Short-sales continue to make up a larger percentage of distressed home listings. As banks continue to drag their feet on approval of short-sales, foreclosure sales are on the rise.
Why aren’t the banks trying to expedite and enhance the number of successful short-sale transactions instead of losing more than one-fifth the value of the property through a foreclosure sale?
One reason is that with a short sale there are often long delays at a bank or financial institution’s loss-mitigation department. Very often the transaction falls apart because of the extremely long period of time it takes to get any meaningful response from these institutions. Also, they often decide to change the agreed-upon terms at the last minute.
Additionally, buyers will see a short sale and mistakenly think that the bank will sell it far below list price because the bank doesn’t want to own the property, so they make an offer significantly under value.
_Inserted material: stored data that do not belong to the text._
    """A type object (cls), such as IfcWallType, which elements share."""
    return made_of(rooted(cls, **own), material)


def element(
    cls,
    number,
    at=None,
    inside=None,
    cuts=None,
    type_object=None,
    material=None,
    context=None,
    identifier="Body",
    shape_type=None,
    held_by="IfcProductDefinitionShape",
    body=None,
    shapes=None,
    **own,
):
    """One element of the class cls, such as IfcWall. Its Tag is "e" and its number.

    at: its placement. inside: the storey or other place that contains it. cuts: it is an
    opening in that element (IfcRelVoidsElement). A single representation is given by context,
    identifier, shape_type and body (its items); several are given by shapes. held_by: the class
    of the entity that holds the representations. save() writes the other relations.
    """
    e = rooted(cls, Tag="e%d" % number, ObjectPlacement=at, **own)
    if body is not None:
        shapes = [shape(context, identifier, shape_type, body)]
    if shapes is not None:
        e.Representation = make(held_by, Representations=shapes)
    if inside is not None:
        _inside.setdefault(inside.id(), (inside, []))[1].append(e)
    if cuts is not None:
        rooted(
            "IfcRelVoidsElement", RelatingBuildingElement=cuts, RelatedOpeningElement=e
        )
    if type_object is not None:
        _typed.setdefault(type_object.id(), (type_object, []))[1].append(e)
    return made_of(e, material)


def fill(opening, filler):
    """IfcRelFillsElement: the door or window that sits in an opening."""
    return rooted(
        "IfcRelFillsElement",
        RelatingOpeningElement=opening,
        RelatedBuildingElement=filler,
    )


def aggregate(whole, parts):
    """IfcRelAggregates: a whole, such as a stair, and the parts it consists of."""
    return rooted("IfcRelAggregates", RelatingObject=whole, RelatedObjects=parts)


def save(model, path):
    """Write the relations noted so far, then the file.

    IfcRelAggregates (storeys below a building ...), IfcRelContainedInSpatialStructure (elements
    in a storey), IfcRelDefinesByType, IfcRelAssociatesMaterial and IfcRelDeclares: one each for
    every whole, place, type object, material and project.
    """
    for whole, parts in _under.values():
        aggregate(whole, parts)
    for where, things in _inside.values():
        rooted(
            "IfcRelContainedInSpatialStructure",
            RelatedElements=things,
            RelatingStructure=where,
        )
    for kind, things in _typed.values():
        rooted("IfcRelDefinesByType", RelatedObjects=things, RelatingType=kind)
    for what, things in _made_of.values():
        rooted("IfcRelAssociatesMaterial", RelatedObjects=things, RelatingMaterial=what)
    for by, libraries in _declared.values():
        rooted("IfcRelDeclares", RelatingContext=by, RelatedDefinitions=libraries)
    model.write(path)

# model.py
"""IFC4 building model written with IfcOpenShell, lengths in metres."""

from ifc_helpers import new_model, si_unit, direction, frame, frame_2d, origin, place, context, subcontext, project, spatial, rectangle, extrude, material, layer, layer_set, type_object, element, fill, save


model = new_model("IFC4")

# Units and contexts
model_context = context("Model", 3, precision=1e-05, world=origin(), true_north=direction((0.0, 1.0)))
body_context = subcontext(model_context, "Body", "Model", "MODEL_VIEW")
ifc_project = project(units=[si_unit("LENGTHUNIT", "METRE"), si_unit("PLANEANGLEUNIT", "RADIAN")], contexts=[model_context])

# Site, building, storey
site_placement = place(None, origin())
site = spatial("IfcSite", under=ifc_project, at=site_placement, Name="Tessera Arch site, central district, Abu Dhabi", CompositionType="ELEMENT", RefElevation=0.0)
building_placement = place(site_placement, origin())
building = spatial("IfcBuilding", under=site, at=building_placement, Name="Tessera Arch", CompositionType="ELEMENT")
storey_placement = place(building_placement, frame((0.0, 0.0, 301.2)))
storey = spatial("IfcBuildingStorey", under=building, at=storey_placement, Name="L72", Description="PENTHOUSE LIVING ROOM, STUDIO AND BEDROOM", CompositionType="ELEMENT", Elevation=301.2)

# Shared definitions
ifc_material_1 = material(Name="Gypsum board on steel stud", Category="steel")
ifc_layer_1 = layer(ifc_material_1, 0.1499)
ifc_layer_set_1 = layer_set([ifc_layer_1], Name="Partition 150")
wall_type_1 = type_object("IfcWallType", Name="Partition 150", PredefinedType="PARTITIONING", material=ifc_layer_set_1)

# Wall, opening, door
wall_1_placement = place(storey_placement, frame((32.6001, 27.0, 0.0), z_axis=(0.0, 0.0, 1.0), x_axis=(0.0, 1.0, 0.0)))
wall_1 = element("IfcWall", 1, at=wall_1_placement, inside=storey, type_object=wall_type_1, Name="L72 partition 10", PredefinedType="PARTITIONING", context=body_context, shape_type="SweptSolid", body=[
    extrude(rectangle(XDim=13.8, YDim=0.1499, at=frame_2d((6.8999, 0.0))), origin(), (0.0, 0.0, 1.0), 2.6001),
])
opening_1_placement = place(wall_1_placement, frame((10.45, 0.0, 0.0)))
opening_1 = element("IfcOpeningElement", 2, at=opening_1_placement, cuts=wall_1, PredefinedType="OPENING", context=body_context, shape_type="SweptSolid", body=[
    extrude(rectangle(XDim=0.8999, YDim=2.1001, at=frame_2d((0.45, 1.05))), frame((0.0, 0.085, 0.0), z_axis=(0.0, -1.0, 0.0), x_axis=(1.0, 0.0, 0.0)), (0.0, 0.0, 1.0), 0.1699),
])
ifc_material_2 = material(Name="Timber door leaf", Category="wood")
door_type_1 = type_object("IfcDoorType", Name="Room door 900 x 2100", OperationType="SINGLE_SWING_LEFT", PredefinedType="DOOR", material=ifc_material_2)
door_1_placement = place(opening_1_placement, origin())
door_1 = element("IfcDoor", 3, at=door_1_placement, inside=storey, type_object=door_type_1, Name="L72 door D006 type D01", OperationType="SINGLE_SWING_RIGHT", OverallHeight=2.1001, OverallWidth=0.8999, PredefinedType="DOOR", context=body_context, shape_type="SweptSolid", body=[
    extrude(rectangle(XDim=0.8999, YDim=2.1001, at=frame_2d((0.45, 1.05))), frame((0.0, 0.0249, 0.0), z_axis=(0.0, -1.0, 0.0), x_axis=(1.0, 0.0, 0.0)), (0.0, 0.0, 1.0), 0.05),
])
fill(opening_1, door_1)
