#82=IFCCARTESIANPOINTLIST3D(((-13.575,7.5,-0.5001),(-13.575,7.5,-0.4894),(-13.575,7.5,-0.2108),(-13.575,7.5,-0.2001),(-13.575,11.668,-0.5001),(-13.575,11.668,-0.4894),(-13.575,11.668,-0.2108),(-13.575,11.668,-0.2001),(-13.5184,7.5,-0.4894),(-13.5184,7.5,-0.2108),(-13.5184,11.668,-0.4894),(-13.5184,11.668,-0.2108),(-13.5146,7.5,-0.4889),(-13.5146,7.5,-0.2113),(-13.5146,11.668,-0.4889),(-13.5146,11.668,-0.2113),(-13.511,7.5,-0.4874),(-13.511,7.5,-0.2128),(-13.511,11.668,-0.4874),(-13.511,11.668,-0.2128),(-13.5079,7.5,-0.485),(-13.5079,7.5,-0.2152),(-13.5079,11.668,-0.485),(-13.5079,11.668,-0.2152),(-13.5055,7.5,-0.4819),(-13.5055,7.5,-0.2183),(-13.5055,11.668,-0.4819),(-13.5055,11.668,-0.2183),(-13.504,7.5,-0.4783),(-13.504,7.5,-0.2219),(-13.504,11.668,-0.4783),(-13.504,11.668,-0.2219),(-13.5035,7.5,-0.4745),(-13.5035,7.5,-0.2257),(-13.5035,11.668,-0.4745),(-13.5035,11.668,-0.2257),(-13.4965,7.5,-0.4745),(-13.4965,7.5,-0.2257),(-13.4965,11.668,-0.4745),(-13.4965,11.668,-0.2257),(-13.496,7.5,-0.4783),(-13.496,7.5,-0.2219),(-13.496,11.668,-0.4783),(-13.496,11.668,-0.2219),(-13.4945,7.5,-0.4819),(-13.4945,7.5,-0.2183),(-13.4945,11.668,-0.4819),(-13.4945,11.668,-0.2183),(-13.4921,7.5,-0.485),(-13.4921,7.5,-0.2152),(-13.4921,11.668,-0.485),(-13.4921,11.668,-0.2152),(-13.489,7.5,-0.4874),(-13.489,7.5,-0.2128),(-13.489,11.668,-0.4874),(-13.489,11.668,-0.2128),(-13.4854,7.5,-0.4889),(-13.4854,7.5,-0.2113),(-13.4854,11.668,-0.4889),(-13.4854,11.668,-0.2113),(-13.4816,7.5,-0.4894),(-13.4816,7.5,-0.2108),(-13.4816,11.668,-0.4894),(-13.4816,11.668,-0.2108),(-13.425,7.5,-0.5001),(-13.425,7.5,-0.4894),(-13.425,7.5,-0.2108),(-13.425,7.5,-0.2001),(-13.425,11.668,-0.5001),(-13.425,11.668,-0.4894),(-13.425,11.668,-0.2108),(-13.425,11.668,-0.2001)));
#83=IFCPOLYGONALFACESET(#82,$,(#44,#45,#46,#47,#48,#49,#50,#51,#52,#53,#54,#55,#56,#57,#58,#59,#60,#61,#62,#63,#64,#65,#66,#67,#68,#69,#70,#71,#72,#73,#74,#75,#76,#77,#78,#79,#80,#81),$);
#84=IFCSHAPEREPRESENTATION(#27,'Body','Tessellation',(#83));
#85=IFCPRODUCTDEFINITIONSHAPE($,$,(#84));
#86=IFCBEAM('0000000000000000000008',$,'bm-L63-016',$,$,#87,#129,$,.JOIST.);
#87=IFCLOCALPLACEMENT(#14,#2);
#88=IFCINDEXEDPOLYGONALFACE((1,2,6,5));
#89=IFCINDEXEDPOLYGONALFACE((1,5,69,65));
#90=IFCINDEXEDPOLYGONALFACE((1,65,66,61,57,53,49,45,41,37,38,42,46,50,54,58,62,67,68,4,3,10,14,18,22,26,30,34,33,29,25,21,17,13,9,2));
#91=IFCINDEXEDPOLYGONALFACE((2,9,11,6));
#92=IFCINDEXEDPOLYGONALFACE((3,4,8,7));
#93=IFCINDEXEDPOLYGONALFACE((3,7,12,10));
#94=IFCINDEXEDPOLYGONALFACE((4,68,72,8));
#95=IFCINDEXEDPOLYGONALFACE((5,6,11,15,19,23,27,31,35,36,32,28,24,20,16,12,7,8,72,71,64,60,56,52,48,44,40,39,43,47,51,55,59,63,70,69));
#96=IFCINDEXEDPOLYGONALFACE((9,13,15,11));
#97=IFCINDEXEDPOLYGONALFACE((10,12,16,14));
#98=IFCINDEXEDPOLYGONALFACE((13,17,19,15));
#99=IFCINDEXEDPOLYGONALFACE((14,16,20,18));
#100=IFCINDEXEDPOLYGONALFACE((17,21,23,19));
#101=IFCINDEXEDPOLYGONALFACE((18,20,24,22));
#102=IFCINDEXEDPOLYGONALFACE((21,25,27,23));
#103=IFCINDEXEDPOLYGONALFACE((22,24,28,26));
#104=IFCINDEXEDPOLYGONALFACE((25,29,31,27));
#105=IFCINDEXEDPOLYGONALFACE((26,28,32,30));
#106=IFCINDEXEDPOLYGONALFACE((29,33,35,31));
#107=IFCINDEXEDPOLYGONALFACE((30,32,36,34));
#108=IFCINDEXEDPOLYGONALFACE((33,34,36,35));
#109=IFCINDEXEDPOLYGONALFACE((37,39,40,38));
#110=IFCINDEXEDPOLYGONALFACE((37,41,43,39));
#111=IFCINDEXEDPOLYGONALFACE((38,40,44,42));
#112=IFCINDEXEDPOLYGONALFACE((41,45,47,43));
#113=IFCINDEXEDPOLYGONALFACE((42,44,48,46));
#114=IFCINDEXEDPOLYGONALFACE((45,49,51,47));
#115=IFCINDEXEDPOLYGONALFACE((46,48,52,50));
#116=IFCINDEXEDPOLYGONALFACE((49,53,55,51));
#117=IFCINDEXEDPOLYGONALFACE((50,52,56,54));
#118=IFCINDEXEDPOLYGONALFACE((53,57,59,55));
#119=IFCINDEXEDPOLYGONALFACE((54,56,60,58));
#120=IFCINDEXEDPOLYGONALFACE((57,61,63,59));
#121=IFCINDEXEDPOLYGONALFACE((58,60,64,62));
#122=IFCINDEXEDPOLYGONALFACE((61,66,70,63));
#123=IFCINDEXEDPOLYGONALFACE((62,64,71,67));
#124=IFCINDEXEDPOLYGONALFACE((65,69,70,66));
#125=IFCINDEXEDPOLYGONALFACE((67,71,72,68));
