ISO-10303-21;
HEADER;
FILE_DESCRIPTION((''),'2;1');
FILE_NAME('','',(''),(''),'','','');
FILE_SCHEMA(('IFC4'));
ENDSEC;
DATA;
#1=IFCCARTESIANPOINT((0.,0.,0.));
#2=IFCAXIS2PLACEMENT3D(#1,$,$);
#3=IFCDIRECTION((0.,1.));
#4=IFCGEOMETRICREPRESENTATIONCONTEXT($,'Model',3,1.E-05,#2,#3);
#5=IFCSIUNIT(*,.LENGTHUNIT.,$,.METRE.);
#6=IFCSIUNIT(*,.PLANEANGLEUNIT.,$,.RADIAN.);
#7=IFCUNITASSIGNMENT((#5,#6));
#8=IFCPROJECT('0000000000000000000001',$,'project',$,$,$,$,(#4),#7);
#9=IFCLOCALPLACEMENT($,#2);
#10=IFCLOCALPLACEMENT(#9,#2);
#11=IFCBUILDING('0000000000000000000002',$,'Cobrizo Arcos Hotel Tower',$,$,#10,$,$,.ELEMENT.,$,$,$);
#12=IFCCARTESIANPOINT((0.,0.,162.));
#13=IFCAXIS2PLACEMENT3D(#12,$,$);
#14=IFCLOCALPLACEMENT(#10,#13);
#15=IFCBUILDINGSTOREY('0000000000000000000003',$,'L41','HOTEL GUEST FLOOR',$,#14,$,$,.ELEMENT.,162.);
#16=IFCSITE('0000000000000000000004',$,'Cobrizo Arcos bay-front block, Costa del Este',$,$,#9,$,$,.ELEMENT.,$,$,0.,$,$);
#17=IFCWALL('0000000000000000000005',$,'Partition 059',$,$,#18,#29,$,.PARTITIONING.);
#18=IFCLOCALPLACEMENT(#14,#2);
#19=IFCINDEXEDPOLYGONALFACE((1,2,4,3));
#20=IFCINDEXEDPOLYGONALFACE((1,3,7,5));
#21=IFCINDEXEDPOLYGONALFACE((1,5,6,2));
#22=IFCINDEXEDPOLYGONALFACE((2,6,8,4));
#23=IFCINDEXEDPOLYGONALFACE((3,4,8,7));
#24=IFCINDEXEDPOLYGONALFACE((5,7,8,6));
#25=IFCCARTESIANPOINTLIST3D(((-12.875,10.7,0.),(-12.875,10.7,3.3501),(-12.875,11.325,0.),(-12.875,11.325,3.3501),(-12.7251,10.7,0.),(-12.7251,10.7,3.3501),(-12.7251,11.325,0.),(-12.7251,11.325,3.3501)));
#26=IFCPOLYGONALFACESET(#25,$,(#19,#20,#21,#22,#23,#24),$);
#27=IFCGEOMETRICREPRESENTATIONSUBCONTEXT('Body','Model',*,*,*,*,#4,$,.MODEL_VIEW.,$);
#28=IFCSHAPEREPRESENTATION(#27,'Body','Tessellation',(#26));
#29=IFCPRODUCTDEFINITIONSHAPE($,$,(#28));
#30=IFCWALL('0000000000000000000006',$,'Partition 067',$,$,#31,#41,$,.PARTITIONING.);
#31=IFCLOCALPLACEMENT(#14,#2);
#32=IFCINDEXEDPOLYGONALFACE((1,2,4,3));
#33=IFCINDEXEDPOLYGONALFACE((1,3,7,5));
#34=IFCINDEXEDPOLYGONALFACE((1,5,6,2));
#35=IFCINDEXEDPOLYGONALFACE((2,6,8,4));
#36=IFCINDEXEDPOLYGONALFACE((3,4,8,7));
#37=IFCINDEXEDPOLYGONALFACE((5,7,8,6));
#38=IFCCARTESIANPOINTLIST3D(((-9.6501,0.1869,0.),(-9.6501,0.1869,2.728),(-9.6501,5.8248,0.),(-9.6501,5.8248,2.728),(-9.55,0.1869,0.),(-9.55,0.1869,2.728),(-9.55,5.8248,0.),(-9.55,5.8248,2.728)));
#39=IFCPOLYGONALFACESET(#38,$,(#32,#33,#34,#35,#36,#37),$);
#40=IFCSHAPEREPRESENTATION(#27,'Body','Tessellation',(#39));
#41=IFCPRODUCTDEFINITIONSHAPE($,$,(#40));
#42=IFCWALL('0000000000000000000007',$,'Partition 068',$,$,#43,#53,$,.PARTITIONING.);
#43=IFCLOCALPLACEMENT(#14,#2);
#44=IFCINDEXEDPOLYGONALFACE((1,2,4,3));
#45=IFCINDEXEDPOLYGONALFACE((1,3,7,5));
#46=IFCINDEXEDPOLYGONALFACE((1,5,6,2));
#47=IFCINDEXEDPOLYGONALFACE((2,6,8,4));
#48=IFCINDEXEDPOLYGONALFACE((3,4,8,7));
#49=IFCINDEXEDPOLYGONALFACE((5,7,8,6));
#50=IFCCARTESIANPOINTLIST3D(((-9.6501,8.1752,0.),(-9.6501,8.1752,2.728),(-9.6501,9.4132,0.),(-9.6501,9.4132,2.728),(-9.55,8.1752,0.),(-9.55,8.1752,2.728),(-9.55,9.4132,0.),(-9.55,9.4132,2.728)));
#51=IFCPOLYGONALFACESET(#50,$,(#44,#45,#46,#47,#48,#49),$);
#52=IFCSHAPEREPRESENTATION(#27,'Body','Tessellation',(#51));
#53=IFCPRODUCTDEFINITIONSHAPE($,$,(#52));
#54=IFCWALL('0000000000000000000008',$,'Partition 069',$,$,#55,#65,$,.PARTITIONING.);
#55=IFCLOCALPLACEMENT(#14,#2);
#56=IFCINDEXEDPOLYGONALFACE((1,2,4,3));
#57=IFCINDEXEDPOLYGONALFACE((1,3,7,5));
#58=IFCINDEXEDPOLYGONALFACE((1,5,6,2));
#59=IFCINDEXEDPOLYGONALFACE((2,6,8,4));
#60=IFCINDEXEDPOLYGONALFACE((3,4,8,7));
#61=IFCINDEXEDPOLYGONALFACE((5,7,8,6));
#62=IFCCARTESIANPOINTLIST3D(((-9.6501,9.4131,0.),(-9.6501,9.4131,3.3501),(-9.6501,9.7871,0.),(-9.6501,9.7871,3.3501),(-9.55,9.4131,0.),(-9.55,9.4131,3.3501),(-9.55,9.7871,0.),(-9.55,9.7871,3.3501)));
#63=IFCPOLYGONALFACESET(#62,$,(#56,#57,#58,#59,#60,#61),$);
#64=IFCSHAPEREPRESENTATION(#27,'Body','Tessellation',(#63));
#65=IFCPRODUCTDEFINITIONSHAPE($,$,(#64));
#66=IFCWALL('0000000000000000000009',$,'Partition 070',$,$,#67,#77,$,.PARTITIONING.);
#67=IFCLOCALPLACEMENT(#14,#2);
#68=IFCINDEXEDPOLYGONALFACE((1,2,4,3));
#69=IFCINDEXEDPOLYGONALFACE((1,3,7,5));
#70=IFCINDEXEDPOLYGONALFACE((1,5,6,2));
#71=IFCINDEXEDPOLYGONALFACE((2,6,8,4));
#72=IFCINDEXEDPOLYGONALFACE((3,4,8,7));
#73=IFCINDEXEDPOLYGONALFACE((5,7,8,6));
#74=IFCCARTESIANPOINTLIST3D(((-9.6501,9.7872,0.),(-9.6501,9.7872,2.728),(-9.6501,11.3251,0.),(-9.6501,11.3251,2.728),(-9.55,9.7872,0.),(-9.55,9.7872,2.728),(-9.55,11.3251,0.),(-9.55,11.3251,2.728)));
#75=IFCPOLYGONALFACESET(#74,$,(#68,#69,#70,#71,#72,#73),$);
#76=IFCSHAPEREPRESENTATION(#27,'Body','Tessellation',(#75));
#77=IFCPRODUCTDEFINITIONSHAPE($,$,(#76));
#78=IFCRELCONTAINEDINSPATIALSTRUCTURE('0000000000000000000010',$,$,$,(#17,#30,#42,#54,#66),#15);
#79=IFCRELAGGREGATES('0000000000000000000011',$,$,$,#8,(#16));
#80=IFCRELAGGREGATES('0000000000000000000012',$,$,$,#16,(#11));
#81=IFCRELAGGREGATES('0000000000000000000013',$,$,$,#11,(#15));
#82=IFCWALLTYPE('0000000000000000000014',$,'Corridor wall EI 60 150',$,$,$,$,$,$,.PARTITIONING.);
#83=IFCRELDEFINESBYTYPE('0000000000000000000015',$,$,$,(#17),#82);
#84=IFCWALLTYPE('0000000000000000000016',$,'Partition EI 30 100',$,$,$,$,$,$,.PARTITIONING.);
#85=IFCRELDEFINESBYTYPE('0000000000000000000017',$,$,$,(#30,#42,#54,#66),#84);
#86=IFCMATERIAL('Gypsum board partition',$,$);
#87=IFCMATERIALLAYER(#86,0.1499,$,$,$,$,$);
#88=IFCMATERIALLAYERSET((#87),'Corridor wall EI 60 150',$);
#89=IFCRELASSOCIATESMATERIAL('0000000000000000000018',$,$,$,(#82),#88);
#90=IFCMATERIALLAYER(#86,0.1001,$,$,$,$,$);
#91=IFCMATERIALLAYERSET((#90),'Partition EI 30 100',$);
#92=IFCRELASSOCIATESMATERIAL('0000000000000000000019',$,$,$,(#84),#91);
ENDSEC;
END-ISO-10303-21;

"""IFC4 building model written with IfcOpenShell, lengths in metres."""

from ifc_helpers import new_model, si_unit, direction, frame, frame_2d, origin, place, context, subcontext, project, spatial, rectangle, extrude, material, layer, layer_set, type_object, element, save


model = new_model("IFC4")

# Units and contexts
model_context = context("Model", 3, precision=1e-05, world=origin(), true_north=direction((0.0, 1.0)))
body_context = subcontext(model_context, "Body", "Model", "MODEL_VIEW")
ifc_project = project(units=[si_unit("LENGTHUNIT", "METRE"), si_unit("PLANEANGLEUNIT", "RADIAN")], contexts=[model_context])

# Site, building, storey
site_placement = place(None, origin())
site = spatial("IfcSite", under=ifc_project, at=site_placement, Name="Cobrizo Arcos bay-front block, Costa del Este", CompositionType="ELEMENT", RefElevation=0.0)
building_placement = place(site_placement, origin())
building = spatial("IfcBuilding", under=site, at=building_placement, Name="Cobrizo Arcos Hotel Tower", CompositionType="ELEMENT")
storey_placement = place(building_placement, frame((0.0, 0.0, 162.0)))
storey = spatial("IfcBuildingStorey", under=building, at=storey_placement, Name="L41", Description="HOTEL GUEST FLOOR", CompositionType="ELEMENT", Elevation=162.0)

# Shared definitions
ifc_material_1 = material(Name="Gypsum board partition")
ifc_layer_1 = layer(ifc_material_1, 0.1499)
ifc_layer_set_1 = layer_set([ifc_layer_1], Name="Corridor wall EI 60 150")
wall_type_1 = type_object("IfcWallType", Name="Corridor wall EI 60 150", PredefinedType="PARTITIONING", material=ifc_layer_set_1)

# Walls
wall_1_placement = place(storey_placement, frame((-12.8, 10.7, 0.0), z_axis=(0.0, 0.0, 1.0), x_axis=(0.0, 1.0, 0.0)))
element("IfcWall", 1, at=wall_1_placement, inside=storey, type_object=wall_type_1, Name="Partition 059", PredefinedType="PARTITIONING", context=body_context, shape_type="SweptSolid", body=[
    extrude(rectangle(XDim=0.625, YDim=0.1499, at=frame_2d((0.3125, 0.0))), origin(), (0.0, 0.0, 1.0), 3.3501),
])
ifc_layer_2 = layer(ifc_material_1, 0.1001)
ifc_layer_set_2 = layer_set([ifc_layer_2], Name="Partition EI 30 100")
wall_type_2 = type_object("IfcWallType", Name="Partition EI 30 100", PredefinedType="PARTITIONING", material=ifc_layer_set_2)
wall_2_placement = place(storey_placement, frame((-9.6001, 0.187, 0.0), z_axis=(0.0, 0.0, 1.0), x_axis=(0.0, 1.0, 0.0)))
element("IfcWall", 2, at=wall_2_placement, inside=storey, type_object=wall_type_2, Name="Partition 067", PredefinedType="PARTITIONING", context=body_context, shape_type="SweptSolid", body=[
    extrude(rectangle(XDim=5.6379, YDim=0.1001, at=frame_2d((2.8188, 0.0))), origin(), (0.0, 0.0, 1.0), 2.728),
])
wall_3_placement = place(storey_placement, frame((-9.6001, 8.175, 0.0), z_axis=(0.0, 0.0, 1.0), x_axis=(0.0, 1.0, 0.0)))
element("IfcWall", 3, at=wall_3_placement, inside=storey, type_object=wall_type_2, Name="Partition 068", PredefinedType="PARTITIONING", context=body_context, shape_type="SweptSolid", body=[
    extrude(rectangle(XDim=1.238, YDim=0.1001, at=frame_2d((0.6191, 0.0))), origin(), (0.0, 0.0, 1.0), 2.728),
])
wall_4_placement = place(storey_placement, frame((-9.6001, 9.4131, 0.0), z_axis=(0.0, 0.0, 1.0), x_axis=(0.0, 1.0, 0.0)))
element("IfcWall", 4, at=wall_4_placement, inside=storey, type_object=wall_type_2, Name="Partition 069", PredefinedType="PARTITIONING", context=body_context, shape_type="SweptSolid", body=[
    extrude(rectangle(XDim=0.374, YDim=0.1001, at=frame_2d((0.187, 0.0))), origin(), (0.0, 0.0, 1.0), 3.3501),
])
wall_5_placement = place(storey_placement, frame((-9.6001, 9.7871, 0.0), z_axis=(0.0, 0.0, 1.0), x_axis=(0.0, 1.0, 0.0)))
element("IfcWall", 5, at=wall_5_placement, inside=storey, type_object=wall_type_2, Name="Partition 070", PredefinedType="PARTITIONING", context=body_context, shape_type="SweptSolid", body=[
    extrude(rectangle(XDim=1.5378, YDim=0.1001, at=frame_2d((0.769, 0.0))), origin(), (0.0, 0.0, 1.0), 2.728),
])

save(model, "model.ifc")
True, banks may not want to own the home, but are not going to sell far below what they have determined as the true market value.
A short sale will hurt the consumer’s credit, but not nearly as much as a foreclosure, which can reduce a credit rating by more than 250 points. Short sales appear on a credit report as "pre-foreclosure in redemption," not as "debt discharged due to foreclosure."
By approving more short sales, banks would help solve some of the problems associated with foreclosures such as deteriorating landscaping, declining property values and lost revenue for homeowners associations.